Unsere Vorschläge für Weichenstellungen:
- Die Verschuldungsobergrenze des Haushaltsausschusses Bundestages schränkt die Deutsche Bahn in der derzeitigen Situation fiskalisch stark ein und führt zu intransparenten und teuren Umgehungstatbeständen wie den milliardenschweren Hybridanleihen und absurden Überlegungen für teilprivatisierte Asset-Gesellschaften bei DB Cargo. Da die Verschuldungsobergrenze erreicht ist, ist es der Deutschen Bahn in der aktuellen Krise nur schwer möglich, sich mit ausreichend Kapital zu versorgen, um die Folgen für den Personen- und Güterverkehr abzufedern. Sie erschwert außerdem notwendige Investitionen in moderne Züge und für ein leistungsfähiges Netz. Der Deutsche Bundestag hat zurecht und mit unserer ausdrücklichen Unterstützung die Schuldenbremse des Bundes aufgrund dieser historischen Krise aufgehoben und es dem Staat somit ermöglicht, dringend benötigte Kredite aufzunehmen, um Beschäftigte und Unternehmen zu unterstützen. Der Haushaltsausschuss des Deutschen Bundestages sollte daher auch die Verschuldungsobergrenze der Deutschen Bahn unter Vorgabe klarer Bedingungen und strenger Kontrollmechanismen ebenso aufheben. Nur so besteht überhaupt eine Chance, als Bundesunternehmen die Krise finanziell zu überstehen und nach dem Abklingen der Pandemie Milliarden in zeitgemäße Züge, in barrierefreie Bahnhöfe, in Lärmschutz und innovative Logistikkonzepte auf der Schiene zu investieren. Klar muss auch sein, dass „frisches Geld“ nicht in intransparenten und ineffizienten Strukturen der DB versickern darf.
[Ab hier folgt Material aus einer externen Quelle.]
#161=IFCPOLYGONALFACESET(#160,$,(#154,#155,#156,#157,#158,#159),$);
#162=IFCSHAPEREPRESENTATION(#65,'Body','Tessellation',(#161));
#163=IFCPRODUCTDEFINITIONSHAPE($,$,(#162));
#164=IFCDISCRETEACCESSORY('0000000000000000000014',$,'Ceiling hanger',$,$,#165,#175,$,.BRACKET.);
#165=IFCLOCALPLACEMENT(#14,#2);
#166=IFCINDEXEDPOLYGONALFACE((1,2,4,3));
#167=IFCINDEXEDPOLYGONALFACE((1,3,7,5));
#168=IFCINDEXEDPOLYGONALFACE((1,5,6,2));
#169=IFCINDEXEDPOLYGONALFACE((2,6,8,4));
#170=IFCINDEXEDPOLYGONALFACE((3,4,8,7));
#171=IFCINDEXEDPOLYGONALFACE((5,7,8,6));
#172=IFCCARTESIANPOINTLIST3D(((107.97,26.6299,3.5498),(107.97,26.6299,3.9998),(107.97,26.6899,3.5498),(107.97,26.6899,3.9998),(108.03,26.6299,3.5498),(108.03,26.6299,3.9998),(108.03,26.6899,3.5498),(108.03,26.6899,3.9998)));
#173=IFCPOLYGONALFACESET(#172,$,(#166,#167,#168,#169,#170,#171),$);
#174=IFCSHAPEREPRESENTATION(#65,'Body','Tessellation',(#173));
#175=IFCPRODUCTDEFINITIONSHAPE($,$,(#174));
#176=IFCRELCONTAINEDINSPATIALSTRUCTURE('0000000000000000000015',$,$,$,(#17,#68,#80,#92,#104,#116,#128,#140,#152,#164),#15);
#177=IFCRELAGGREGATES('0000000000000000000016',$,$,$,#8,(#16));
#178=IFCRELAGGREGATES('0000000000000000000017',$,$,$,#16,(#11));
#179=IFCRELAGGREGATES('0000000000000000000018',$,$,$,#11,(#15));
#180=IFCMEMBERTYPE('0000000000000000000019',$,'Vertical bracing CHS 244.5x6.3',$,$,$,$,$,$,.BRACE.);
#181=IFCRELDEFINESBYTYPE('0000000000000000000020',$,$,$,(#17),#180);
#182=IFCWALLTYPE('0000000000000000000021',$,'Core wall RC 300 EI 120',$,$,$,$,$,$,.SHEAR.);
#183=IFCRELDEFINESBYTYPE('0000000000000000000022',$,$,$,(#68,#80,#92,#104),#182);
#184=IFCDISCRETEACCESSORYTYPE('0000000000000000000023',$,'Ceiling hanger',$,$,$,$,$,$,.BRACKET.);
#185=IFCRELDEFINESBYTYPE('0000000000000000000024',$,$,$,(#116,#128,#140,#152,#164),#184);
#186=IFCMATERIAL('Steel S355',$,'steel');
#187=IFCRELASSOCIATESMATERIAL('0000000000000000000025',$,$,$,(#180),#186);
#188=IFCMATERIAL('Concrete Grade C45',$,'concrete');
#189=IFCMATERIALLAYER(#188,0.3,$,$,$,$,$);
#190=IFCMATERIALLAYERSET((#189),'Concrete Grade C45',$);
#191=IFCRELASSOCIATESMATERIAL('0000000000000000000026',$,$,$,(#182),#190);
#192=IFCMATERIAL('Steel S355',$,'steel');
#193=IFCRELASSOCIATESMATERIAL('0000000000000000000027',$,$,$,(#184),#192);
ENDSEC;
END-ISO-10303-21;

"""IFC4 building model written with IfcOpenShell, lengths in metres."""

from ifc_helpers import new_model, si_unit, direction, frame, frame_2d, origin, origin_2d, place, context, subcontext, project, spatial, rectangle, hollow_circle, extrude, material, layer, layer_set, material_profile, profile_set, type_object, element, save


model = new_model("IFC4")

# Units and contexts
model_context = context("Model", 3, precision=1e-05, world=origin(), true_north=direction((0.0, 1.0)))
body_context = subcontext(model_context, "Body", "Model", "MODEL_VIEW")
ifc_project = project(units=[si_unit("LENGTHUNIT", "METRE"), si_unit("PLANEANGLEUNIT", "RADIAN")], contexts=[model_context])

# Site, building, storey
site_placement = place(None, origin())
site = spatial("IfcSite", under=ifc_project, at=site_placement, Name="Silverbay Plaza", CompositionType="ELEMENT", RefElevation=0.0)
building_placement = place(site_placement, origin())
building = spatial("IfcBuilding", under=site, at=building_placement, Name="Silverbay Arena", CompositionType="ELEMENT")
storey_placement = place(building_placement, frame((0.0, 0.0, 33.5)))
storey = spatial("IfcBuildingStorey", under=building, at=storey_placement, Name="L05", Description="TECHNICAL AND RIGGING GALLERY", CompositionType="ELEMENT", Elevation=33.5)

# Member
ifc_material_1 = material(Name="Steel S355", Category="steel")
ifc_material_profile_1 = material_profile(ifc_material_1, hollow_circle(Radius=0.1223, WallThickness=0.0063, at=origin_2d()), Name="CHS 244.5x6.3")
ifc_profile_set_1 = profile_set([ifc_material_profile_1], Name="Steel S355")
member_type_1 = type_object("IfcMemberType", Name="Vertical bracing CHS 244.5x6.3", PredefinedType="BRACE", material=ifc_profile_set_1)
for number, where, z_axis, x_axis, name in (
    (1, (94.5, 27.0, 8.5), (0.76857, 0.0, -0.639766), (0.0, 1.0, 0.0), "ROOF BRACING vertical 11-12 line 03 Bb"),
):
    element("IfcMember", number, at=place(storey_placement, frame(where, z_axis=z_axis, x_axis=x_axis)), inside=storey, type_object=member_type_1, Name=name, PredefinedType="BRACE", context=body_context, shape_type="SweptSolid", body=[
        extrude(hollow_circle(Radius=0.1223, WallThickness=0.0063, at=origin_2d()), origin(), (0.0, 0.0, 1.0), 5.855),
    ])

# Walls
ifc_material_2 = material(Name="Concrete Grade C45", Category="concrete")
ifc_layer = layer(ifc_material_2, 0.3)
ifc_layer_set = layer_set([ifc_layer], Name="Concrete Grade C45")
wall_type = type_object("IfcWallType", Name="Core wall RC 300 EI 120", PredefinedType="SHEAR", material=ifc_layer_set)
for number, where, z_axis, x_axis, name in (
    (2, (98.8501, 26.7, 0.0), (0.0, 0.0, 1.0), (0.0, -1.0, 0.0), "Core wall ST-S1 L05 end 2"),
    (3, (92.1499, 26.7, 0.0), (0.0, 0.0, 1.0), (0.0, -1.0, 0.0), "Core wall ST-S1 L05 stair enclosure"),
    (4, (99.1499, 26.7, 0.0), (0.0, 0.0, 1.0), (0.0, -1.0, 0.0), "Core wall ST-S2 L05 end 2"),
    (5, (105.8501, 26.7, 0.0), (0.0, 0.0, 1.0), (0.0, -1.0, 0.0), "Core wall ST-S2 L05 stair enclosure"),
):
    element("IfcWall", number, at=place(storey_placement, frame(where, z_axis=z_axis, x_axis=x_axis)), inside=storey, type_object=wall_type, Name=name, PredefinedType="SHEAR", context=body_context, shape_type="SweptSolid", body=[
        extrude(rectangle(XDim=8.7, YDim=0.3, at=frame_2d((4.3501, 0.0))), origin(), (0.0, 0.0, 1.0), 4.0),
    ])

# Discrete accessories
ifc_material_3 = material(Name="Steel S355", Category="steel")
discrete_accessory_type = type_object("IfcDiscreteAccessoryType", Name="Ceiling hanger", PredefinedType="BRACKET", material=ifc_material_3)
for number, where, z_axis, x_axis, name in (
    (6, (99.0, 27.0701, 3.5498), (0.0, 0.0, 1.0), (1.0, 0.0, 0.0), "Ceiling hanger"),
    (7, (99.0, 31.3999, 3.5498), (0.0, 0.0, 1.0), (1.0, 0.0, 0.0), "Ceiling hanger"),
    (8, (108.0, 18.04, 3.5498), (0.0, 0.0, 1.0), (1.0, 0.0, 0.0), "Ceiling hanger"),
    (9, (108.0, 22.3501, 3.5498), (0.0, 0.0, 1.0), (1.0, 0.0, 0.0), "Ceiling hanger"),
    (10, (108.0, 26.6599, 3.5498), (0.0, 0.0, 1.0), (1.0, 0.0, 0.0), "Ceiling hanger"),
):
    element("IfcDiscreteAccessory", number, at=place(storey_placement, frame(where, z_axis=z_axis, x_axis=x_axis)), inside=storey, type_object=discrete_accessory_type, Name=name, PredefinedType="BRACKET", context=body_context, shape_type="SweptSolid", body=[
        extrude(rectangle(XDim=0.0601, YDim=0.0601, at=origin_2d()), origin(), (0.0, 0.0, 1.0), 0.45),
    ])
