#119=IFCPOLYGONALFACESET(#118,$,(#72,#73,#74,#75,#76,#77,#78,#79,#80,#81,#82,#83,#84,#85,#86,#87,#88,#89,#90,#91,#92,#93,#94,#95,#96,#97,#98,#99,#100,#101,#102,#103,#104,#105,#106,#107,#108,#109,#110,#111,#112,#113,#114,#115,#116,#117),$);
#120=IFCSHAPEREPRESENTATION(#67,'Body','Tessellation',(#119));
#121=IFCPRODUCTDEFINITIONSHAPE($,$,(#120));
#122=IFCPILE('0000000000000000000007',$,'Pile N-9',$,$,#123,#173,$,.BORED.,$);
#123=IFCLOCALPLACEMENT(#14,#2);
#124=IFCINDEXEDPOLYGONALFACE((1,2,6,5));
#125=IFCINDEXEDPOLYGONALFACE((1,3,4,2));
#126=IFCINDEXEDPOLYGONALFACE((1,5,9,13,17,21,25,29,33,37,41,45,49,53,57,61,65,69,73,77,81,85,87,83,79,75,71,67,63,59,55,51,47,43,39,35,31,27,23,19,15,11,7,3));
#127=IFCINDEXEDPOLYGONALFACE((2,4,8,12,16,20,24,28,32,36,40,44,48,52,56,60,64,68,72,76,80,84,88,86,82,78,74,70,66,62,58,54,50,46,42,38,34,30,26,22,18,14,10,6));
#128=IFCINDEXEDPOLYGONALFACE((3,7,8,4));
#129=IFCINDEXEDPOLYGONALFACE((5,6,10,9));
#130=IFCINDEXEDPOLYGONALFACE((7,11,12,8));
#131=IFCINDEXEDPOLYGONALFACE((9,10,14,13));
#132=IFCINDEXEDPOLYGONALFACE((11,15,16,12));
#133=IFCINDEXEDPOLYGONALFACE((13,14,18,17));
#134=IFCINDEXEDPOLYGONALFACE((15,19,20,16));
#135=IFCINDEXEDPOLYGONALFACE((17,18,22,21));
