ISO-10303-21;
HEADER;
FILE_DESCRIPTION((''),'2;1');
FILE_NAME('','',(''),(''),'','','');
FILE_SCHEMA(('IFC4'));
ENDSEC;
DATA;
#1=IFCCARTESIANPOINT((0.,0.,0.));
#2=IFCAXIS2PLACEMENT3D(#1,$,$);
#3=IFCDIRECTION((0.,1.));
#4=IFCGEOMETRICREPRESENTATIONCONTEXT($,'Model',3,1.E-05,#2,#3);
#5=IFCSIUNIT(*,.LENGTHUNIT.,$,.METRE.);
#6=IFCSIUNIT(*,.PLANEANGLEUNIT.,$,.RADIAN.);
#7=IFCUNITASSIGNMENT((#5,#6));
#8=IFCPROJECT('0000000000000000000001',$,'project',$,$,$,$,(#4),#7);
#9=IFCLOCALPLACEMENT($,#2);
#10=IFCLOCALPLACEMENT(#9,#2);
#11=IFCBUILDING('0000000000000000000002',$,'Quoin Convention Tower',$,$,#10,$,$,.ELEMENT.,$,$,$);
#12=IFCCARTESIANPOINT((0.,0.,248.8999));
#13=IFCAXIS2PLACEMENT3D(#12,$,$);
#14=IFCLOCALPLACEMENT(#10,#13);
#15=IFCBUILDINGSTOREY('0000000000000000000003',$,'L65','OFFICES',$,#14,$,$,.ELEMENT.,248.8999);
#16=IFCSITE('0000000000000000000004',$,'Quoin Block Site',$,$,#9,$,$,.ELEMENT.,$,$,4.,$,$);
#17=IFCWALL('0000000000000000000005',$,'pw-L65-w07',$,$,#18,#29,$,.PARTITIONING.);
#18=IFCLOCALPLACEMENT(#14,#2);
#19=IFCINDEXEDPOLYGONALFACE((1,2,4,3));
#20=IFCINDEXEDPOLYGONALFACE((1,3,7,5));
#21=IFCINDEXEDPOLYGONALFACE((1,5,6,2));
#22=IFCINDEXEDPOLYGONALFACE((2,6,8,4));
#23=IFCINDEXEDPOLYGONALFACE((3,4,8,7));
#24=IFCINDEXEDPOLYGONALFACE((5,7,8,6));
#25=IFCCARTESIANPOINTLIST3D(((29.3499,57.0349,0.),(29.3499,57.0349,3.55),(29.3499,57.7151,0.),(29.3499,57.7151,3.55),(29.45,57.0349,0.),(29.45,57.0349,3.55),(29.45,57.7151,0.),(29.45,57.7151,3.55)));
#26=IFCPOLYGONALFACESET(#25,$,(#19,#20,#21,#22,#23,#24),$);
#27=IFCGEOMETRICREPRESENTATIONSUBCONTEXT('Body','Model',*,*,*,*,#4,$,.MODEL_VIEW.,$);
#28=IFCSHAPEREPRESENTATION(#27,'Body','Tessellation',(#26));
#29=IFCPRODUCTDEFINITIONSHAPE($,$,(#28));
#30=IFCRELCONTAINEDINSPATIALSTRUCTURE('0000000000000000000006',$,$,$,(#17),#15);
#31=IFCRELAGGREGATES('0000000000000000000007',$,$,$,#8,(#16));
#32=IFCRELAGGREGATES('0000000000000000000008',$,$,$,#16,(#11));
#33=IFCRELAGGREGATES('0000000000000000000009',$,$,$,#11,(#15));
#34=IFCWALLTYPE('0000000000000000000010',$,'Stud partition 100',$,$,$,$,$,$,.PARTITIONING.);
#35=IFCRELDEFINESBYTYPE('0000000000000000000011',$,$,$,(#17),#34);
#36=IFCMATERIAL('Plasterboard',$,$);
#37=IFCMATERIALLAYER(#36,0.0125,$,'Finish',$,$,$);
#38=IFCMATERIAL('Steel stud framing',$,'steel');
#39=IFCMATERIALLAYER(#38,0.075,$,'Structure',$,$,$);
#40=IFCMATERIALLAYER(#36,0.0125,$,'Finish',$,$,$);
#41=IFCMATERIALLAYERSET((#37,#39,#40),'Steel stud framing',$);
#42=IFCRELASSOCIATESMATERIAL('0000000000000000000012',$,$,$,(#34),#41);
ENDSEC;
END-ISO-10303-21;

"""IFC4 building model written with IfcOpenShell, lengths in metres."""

from ifc_helpers import new_model, si_unit, direction, frame, frame_2d, origin, place, context, subcontext, project, spatial, rectangle, extrude, material, layer, layer_set, type_object, element, save


model = new_model("IFC4")

# Units and contexts
model_context = context("Model", 3, precision=1e-05, world=origin(), true_north=direction((0.0, 1.0)))
body_context = subcontext(model_context, "Body", "Model", "MODEL_VIEW")
ifc_project = project(units=[si_unit("LENGTHUNIT", "METRE"), si_unit("PLANEANGLEUNIT", "RADIAN")], contexts=[model_context])

# Site, building, storey
site_placement = place(None, origin())
site = spatial("IfcSite", under=ifc_project, at=site_placement, Name="Quoin Block Site", CompositionType="ELEMENT", RefElevation=4.0)
building_placement = place(site_placement, origin())
building = spatial("IfcBuilding", under=site, at=building_placement, Name="Quoin Convention Tower", CompositionType="ELEMENT")
storey_placement = place(building_placement, frame((0.0, 0.0, 248.8999)))
storey = spatial("IfcBuildingStorey", under=building, at=storey_placement, Name="L65", Description="OFFICES", CompositionType="ELEMENT", Elevation=248.8999)

# Shared definitions
ifc_material_1 = material(Name="Plasterboard")
ifc_material_2 = material(Name="Steel stud framing", Category="steel")

# Shared definitions
ifc_layer_1 = layer(ifc_material_1, 0.0125, Name="Finish")
ifc_layer_2 = layer(ifc_material_2, 0.075, Name="Structure")
ifc_layer_3 = layer(ifc_material_1, 0.0125, Name="Finish")
ifc_layer_set_1 = layer_set([ifc_layer_1, ifc_layer_2, ifc_layer_3], Name="Steel stud framing")
wall_type_1 = type_object("IfcWallType", Name="Stud partition 100", PredefinedType="PARTITIONING", material=ifc_layer_set_1)

# Wall
wall_1_placement = place(storey_placement, frame((29.3999, 57.7151, 0.0), z_axis=(0.0, 0.0, 1.0), x_axis=(0.0, -1.0, 0.0)))
element("IfcWall", 1, at=wall_1_placement, inside=storey, type_object=wall_type_1, Name="pw-L65-w07", PredefinedType="PARTITIONING", context=body_context, shape_type="SweptSolid", body=[
    extrude(rectangle(XDim=0.6802, YDim=0.1001, at=frame_2d((0.3401, 0.0))), origin(), (0.0, 0.0, 1.0), 3.55),
])

save(model, "model.ifc")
Bundesregierung und Bundestag müssen dem Staatskonzern auf die Finger gucken und gucken können.
- Das deutsche Bahnwesen am Gemeinwohl ausrichten und die Deutsche Bahn vom Gewinndruck befreien: Das Ziel, hohe Renditen zu erwirtschaften, hat u.a. dazu geführt, dass Strecken und ganze Güterbahnhöfe stillgelegt, Anschlussgleise abgekoppelt und Nachtzüge eingestellt wurden. In der Corona-Krise wird der Zwang zur Gewinnerzielung gänzlich ad absurdum geführt und droht zu weiteren Angebotseinschränkungen für die Kundinnen und Kunden zu führen. Die Deutsche Bahn muss dieses und nächstes Jahr vom Eigentümer Bund von der Vorgabe zur Gewinnerzielung und der Abführung einer Dividende befreit werden.
- Der Bund muss den Bahnsektor attraktiver und wettbewerbsfähiger aufstellen, damit er die Krise übersteht. In der derzeitigen Krise zeigt der Schienenverkehr seine Stärken und seine Resilienz gegenüber Schockereignissen. Dennoch steht der Schienengüterverkehr in einem verzerrten Wettbewerb mit dem Gütertransport via Lkw. Die derzeit noch relativ hohe Auslastung der Güterbahnen droht bei anhaltenden Produktionsstopps in der Industrie stark zurückzugehen und die Wirtschaftlichkeit des Schienengüterverkehrs massiv zu beeinträchtigen. Daher darf der Bund den Schienenverkehr nicht weiter bei der staatlichen Kostenregulation gegenüber dem Verkehrsträger Straße benachteiligen. Die milliardenschweren Dieselsubventionen für Lkw sind eine Wettbewerbsverzerrung, die nach der Krise korrigiert gehören.
- In der Coronakrise können zudem mit dem Schienengüterverkehr im Vergleich zum Lkw sehr viele Güter mit geringem Infektionsrisiko für die daran beteiligten Menschen transportiert werden. Sinnvoll sind daher sehr kurzfristige Anreize für eine Verlagerung des Güterverkehrs von der Straße auf die Schiene. Dafür schlagen wir eine staatliche Verlagerungsprämie und ein Aussetzen der Trassenpreise und der Gebühren fürs Verladen auf die Güterbahnen für die Dauer der Coronakrise vor.
Regierung und demokratische Opposition im Deutschen Bundestag müssen jetzt gemeinsam die Deutsche Bahn und die gesamte Bahnbranche durch die Krise führen und zusammen dafür sorgen, dass sie nicht nur übersteht, sondern gestärkt aus ihr hervorgehen kann.